# 72v sevcon gen4 ACG golf car low speed



## ganesh2606 (Feb 4, 2013)

i am having 72v sevcon gen4 ACG golf car(hummer limo stretch)..with sevon display and sevcon gen4 controller, now problem is low speed,while on purchase it gives 40 to 50mph for forward and 15 to 20 mph for reverse..now only giving 10 to 20mph for forward and 0 to 5 mph for reverse..i changed controller,motor,fwd/rev switch,but no use..please help me
**while 1 min continuously full throttle given, car is stopped ..no fwd/rev

Technician 
Gee Kay


----------



## johnjcbs (Oct 10, 2012)

Check the battery condition.


----------



## ganesh2606 (Feb 4, 2013)

i replaced new battery ,still same problem..


----------



## dragonsgate (May 19, 2012)

ganesh2606 said:


> i replaced new battery ,still same problem..

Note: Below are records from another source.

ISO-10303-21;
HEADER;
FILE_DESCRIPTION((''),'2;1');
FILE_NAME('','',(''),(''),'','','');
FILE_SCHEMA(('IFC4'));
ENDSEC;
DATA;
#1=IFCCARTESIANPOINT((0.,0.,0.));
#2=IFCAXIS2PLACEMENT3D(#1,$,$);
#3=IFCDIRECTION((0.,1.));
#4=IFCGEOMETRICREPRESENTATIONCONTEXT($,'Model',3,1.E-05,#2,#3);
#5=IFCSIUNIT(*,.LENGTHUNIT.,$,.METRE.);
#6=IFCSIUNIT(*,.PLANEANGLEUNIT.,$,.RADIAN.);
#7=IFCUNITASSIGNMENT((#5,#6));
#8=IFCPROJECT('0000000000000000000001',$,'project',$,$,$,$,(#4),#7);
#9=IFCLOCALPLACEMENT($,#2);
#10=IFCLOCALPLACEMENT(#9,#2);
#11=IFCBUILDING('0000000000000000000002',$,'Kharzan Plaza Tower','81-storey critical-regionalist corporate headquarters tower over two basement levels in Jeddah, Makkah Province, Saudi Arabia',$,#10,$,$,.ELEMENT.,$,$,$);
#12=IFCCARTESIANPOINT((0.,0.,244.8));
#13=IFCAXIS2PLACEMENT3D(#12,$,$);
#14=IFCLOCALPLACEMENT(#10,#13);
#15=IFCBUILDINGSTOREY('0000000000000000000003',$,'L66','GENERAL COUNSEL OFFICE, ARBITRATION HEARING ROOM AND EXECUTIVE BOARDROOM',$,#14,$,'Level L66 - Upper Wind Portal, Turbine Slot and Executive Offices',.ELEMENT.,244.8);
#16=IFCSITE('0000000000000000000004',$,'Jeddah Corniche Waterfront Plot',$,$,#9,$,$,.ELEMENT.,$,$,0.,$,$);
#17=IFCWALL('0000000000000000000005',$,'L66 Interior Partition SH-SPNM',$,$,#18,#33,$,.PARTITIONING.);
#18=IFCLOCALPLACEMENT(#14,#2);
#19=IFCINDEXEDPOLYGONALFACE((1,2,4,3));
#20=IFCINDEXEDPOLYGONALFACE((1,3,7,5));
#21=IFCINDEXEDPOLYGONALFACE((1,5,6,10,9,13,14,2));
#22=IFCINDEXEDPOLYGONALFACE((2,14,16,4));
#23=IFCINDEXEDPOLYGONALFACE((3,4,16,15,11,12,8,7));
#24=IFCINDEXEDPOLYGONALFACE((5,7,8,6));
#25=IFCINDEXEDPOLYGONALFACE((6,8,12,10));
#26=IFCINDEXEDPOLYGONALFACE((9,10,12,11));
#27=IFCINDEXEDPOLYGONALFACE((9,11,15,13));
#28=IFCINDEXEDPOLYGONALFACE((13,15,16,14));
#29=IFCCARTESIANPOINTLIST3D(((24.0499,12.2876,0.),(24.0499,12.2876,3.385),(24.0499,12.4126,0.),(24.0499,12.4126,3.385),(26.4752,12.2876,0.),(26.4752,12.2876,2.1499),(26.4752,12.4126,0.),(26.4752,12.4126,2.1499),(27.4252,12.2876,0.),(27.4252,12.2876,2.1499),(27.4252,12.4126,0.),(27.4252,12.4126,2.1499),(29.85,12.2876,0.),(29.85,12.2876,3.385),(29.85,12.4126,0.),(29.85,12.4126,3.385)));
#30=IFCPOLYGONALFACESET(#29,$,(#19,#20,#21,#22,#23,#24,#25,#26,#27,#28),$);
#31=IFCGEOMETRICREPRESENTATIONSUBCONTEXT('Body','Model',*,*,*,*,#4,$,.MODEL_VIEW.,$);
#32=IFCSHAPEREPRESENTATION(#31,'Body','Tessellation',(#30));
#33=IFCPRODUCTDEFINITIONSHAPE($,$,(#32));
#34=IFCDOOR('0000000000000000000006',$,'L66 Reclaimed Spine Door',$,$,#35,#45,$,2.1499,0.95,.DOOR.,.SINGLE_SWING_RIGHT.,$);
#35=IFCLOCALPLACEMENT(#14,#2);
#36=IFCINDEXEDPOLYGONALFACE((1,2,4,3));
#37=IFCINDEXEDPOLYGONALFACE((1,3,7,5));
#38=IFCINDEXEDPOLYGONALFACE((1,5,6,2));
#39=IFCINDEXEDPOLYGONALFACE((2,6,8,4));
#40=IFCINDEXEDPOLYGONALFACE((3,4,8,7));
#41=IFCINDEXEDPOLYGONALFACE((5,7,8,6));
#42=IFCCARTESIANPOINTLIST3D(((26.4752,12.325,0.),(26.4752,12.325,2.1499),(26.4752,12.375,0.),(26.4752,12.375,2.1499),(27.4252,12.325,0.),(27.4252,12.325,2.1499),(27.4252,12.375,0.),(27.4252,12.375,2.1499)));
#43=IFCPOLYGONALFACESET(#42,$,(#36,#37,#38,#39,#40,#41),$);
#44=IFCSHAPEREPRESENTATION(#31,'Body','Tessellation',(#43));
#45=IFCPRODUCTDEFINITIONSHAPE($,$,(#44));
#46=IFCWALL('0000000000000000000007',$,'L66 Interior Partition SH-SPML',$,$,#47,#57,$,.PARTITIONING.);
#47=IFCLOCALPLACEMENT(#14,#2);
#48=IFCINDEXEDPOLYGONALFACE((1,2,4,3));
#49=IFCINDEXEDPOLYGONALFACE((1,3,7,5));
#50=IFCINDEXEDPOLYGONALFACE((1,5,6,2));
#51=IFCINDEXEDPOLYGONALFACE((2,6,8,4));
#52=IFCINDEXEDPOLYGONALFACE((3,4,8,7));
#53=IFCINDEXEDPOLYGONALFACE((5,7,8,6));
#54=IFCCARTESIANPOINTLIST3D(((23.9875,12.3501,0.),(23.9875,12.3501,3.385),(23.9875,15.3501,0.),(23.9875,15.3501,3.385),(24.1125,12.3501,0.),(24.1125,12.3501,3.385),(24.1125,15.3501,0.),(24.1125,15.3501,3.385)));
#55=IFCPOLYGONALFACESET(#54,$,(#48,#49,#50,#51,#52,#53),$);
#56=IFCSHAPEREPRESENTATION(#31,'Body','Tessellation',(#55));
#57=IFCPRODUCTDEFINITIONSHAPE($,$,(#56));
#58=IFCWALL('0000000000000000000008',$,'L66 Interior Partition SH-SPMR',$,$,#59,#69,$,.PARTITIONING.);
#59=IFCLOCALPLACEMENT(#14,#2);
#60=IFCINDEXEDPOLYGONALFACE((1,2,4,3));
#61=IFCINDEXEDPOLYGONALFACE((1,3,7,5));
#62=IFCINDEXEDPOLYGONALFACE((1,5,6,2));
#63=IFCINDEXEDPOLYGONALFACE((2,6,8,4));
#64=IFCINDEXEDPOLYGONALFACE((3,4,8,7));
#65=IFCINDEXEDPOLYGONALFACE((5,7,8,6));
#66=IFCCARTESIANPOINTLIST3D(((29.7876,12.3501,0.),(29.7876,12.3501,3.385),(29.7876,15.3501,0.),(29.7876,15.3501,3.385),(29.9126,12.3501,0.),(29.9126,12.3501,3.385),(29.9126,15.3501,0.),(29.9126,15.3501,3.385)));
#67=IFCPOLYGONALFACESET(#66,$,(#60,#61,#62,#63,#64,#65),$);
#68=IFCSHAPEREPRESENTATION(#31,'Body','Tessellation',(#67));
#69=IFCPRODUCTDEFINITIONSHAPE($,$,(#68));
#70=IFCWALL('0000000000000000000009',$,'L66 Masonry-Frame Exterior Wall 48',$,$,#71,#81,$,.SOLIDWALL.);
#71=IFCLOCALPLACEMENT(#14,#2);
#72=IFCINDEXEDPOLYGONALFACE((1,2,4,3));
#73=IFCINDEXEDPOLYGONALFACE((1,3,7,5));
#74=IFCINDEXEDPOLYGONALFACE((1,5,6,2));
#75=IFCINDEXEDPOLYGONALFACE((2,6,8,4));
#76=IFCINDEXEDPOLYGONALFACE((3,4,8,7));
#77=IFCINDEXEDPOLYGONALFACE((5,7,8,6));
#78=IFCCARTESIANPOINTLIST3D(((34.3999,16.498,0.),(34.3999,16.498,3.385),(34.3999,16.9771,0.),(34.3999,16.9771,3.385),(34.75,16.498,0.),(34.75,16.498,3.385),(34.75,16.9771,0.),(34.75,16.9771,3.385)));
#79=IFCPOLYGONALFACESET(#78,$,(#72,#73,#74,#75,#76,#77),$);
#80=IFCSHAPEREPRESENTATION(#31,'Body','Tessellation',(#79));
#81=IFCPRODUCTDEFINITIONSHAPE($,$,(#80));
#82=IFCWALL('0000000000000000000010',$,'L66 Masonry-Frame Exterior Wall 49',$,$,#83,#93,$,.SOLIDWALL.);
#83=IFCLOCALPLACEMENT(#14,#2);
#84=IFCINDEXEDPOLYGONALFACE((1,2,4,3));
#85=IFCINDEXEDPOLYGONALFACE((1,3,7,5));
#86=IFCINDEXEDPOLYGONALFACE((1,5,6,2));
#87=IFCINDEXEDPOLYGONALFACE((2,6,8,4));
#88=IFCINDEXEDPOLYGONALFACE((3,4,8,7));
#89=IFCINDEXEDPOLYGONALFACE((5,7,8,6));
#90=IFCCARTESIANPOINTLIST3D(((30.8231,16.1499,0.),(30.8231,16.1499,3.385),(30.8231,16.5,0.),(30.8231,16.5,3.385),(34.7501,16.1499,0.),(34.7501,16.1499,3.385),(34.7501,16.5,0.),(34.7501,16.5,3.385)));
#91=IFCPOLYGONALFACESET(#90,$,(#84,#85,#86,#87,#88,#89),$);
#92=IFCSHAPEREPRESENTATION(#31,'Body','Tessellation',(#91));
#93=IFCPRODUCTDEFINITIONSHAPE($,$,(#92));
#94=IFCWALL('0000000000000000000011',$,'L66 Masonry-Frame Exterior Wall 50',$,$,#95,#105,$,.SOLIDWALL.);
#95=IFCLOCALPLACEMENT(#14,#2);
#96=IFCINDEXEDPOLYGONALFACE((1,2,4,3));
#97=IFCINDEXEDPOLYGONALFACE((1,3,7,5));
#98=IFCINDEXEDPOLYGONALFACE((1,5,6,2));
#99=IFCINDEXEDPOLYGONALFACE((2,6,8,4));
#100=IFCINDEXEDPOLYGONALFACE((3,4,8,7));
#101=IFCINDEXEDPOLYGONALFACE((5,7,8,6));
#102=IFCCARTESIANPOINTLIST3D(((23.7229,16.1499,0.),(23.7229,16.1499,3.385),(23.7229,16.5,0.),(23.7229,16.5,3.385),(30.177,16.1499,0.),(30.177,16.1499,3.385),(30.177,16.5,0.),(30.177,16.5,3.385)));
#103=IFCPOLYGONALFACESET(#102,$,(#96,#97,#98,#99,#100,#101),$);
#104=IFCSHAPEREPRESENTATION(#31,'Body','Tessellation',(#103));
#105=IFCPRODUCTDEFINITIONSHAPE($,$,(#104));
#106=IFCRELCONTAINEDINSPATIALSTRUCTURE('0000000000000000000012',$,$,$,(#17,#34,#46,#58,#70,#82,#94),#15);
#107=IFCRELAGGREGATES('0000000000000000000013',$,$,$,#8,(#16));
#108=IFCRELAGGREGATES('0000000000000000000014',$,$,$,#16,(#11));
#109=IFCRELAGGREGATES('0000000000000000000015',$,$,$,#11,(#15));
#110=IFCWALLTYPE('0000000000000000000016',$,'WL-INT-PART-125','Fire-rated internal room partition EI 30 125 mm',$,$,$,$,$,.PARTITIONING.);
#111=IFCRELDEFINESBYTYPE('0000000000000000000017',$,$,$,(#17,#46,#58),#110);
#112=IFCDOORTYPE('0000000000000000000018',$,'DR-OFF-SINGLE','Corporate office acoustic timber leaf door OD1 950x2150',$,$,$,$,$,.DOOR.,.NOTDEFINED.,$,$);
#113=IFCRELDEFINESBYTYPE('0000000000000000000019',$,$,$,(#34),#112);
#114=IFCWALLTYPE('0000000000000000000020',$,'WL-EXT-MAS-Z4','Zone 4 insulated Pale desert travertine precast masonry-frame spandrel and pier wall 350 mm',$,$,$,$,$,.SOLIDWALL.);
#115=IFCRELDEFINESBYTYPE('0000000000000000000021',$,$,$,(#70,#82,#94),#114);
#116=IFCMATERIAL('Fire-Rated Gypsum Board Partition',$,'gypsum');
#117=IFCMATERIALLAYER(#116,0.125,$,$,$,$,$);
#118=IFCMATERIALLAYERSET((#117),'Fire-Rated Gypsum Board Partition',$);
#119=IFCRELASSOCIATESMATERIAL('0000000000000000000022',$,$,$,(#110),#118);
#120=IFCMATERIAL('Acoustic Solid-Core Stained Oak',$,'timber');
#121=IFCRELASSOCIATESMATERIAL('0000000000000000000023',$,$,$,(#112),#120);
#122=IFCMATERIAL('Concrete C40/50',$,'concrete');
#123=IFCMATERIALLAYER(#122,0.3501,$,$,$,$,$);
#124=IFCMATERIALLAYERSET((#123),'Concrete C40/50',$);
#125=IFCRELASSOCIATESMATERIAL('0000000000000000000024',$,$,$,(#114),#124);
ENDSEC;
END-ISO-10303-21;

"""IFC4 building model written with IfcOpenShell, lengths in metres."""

from ifc_helpers import new_model, si_unit, direction, frame, frame_2d, origin, place, context, subcontext, project, spatial, rectangle, extrude, source, transform, mapped, material, layer, layer_set, type_object, element, fill, save


model = new_model("IFC4")

# Units and contexts
model_context = context("Model", 3, precision=1e-05, world=origin(), true_north=direction((0.0, 1.0)))
body_context = subcontext(model_context, "Body", "Model", "MODEL_VIEW")
ifc_project = project(units=[si_unit("LENGTHUNIT", "METRE"), si_unit("PLANEANGLEUNIT", "RADIAN")], contexts=[model_context])

# Site, building, storey
site_placement = place(None, origin())
site = spatial("IfcSite", under=ifc_project, at=site_placement, Name="Jeddah Corniche Waterfront Plot", CompositionType="ELEMENT", RefElevation=0.0)
building_placement = place(site_placement, origin())
building = spatial("IfcBuilding", under=site, at=building_placement, Name="Kharzan Plaza Tower", Description="81-storey critical-regionalist corporate headquarters tower over two basement levels in Jeddah, Makkah Province, Saudi Arabia", CompositionType="ELEMENT")
storey_placement = place(building_placement, frame((0.0, 0.0, 244.8)))
storey = spatial("IfcBuildingStorey", under=building, at=storey_placement, Name="L66", Description="GENERAL COUNSEL OFFICE, ARBITRATION HEARING ROOM AND EXECUTIVE BOARDROOM", LongName="Level L66 - Upper Wind Portal, Turbine Slot and Executive Offices", CompositionType="ELEMENT", Elevation=244.8)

Is the throttle opening all the way?


----------



## ganesh2606 (Feb 4, 2013)

dragonsgate said:


> Is the throttle opening all the way?


given full throttle ,still same problem...
*car going half speed
**while 1 min continuously full throttle given, car is stopped ..no fwd/rev


----------



## stealthhack (Aug 18, 2011)

ganesh2606 said:


> given full throttle ,still same problem...
> *car going half speed
> **while 1 min continuously full throttle given, car is stopped ..no fwd/rev


Controller is overheating maybe?


----------



## Tesseract (Sep 27, 2008)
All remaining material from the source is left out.